On a nudist beach, which is important.

Even more importantly, I did not run naked, but 99% of the time I was in a swimsuit, and I did not wear civilian human clothes.

The community of vacationers is small and quite tightly communicating, so new acquaintances cannot be avoided. Unfortunately, the unpleasant too.

So, rested in the neighborhood with us an extremely foolish man, let’s call him M.

Gondon was the one, in his head, some infernal blend of religion with Patshanic principles, putting his opinion into any conversation, without asking how appropriate it is at all.

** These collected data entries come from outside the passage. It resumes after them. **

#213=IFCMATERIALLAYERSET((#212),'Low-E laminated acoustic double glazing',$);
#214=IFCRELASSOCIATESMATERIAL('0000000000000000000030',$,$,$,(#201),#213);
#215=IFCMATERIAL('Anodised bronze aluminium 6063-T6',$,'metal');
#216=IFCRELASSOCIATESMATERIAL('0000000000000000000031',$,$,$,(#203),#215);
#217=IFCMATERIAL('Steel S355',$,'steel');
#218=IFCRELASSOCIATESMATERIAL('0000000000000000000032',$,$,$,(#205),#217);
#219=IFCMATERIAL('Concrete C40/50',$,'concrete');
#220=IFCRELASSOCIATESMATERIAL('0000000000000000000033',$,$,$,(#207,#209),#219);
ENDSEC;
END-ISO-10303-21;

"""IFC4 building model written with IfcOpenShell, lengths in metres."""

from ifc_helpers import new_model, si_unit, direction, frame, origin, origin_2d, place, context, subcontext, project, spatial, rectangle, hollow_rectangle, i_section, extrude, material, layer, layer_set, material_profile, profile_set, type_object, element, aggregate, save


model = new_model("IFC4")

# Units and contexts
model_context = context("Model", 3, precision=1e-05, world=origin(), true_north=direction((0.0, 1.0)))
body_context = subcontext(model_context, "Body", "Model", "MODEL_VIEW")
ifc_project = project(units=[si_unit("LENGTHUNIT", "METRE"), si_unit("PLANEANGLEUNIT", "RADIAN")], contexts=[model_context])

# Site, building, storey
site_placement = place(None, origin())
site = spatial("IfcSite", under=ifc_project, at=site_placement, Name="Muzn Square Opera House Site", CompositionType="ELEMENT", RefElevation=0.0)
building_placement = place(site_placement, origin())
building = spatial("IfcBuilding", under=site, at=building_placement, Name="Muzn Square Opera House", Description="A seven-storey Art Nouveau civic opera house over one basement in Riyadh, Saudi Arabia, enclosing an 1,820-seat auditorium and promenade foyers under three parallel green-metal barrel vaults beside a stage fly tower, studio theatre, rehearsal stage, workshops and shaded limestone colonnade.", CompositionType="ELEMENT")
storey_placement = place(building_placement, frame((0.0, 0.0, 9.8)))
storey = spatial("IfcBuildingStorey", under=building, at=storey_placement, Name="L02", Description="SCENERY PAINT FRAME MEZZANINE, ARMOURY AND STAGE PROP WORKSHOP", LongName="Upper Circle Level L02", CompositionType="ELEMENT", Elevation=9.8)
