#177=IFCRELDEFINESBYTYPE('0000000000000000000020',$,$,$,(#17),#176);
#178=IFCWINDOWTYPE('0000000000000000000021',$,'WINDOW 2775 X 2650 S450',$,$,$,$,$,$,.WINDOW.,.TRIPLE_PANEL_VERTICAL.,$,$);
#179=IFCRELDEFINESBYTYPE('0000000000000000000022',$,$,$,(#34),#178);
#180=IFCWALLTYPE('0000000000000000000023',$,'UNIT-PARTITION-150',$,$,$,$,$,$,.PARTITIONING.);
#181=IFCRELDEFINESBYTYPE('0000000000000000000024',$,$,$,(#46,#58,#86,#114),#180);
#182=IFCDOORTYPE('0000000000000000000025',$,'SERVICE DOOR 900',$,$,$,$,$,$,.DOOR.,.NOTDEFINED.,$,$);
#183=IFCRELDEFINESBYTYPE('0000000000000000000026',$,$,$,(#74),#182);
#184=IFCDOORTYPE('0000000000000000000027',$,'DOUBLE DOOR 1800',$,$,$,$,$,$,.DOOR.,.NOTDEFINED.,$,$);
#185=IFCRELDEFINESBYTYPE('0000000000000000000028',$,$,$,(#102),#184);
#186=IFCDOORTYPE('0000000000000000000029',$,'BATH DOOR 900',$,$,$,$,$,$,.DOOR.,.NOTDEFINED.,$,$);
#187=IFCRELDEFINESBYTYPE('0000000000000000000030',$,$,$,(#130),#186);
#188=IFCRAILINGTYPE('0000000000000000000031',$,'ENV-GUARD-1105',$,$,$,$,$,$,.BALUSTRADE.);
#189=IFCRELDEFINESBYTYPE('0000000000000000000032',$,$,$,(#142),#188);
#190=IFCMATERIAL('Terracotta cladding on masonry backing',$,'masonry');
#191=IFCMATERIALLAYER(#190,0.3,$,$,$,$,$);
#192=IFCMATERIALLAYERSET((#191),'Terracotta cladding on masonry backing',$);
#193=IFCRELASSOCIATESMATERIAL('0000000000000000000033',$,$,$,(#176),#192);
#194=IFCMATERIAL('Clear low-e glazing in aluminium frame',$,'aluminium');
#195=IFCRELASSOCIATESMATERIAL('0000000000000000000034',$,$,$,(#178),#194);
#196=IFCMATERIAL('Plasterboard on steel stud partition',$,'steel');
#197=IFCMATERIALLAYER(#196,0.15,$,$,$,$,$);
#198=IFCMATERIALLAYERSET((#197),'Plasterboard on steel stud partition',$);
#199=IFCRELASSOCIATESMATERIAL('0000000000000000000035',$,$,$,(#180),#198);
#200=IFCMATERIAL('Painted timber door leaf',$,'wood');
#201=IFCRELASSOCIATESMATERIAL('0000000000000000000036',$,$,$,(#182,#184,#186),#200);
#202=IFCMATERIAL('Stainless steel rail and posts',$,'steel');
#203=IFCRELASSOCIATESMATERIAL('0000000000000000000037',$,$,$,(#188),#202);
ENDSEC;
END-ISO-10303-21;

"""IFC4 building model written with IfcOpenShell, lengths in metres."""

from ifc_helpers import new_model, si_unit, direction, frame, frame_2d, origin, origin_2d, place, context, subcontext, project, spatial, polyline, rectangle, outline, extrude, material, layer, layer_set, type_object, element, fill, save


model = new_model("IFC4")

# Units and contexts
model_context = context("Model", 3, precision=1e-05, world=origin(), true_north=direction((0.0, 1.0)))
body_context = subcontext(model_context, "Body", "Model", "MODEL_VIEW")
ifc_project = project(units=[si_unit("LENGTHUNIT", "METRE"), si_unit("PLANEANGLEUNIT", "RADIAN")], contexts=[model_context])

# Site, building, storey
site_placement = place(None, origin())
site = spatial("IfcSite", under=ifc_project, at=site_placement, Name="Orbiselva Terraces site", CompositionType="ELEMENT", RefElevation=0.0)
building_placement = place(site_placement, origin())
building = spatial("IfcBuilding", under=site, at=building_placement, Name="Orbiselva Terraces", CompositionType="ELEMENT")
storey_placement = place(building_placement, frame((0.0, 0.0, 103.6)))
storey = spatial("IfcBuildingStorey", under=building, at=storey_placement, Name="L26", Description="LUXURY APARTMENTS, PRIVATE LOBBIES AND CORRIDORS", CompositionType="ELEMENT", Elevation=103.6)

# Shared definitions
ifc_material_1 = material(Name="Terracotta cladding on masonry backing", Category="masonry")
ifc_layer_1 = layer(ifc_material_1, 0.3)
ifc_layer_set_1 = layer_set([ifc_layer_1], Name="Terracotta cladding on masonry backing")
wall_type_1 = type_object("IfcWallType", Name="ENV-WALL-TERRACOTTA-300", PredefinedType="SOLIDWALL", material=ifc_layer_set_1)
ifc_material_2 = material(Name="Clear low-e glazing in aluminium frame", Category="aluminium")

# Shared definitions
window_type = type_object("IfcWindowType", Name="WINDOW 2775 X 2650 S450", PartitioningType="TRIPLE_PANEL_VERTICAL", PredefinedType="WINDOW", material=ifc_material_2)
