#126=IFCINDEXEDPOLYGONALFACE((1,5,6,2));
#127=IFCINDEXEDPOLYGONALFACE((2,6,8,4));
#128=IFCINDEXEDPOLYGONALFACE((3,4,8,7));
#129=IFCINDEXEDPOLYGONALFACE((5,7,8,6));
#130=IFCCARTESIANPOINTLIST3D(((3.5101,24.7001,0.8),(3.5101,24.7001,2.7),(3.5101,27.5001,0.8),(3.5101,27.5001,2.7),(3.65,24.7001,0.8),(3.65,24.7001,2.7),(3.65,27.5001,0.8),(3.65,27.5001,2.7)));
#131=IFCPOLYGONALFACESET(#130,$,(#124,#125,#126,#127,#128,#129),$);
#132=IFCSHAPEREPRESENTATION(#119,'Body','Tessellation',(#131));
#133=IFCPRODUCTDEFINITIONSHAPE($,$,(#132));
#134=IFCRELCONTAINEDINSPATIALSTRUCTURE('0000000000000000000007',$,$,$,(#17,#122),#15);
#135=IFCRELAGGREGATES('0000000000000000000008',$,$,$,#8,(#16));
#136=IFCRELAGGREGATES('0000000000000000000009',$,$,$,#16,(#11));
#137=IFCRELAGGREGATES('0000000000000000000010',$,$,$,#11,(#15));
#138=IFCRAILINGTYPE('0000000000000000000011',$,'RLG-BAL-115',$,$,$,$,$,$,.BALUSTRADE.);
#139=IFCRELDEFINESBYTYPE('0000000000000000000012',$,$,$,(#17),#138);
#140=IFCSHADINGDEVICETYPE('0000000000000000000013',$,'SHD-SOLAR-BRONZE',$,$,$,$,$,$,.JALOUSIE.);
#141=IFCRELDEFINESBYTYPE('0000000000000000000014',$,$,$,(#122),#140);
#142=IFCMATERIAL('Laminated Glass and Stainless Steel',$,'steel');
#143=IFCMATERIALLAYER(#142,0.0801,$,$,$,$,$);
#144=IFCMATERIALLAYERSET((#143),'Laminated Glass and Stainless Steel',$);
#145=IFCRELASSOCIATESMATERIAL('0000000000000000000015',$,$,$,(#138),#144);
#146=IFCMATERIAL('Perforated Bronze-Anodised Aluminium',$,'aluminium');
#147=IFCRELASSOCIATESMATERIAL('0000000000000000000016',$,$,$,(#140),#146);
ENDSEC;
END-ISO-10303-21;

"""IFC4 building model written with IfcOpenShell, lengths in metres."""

In addition, it was a little bit rotting.

M looked like it. Excess weight in hell quantity, eternally dirty, well, and just frankly steep guy.

In general, the rare case when the exterior and the inner world are in perfect harmony.

This is a general prehistory. History is so.

I was working at the time in the IT department of a large bank, and on that sunny day I stood in a smoking room with my colleagues, who, unfortunately, were very many. The boss, the friends, the boyfriends from the neighboring department, the man I liked at the time – a complete combo.

And suddenly I see, Baa, a couple of meters from me passes M, hasn’t changed at all!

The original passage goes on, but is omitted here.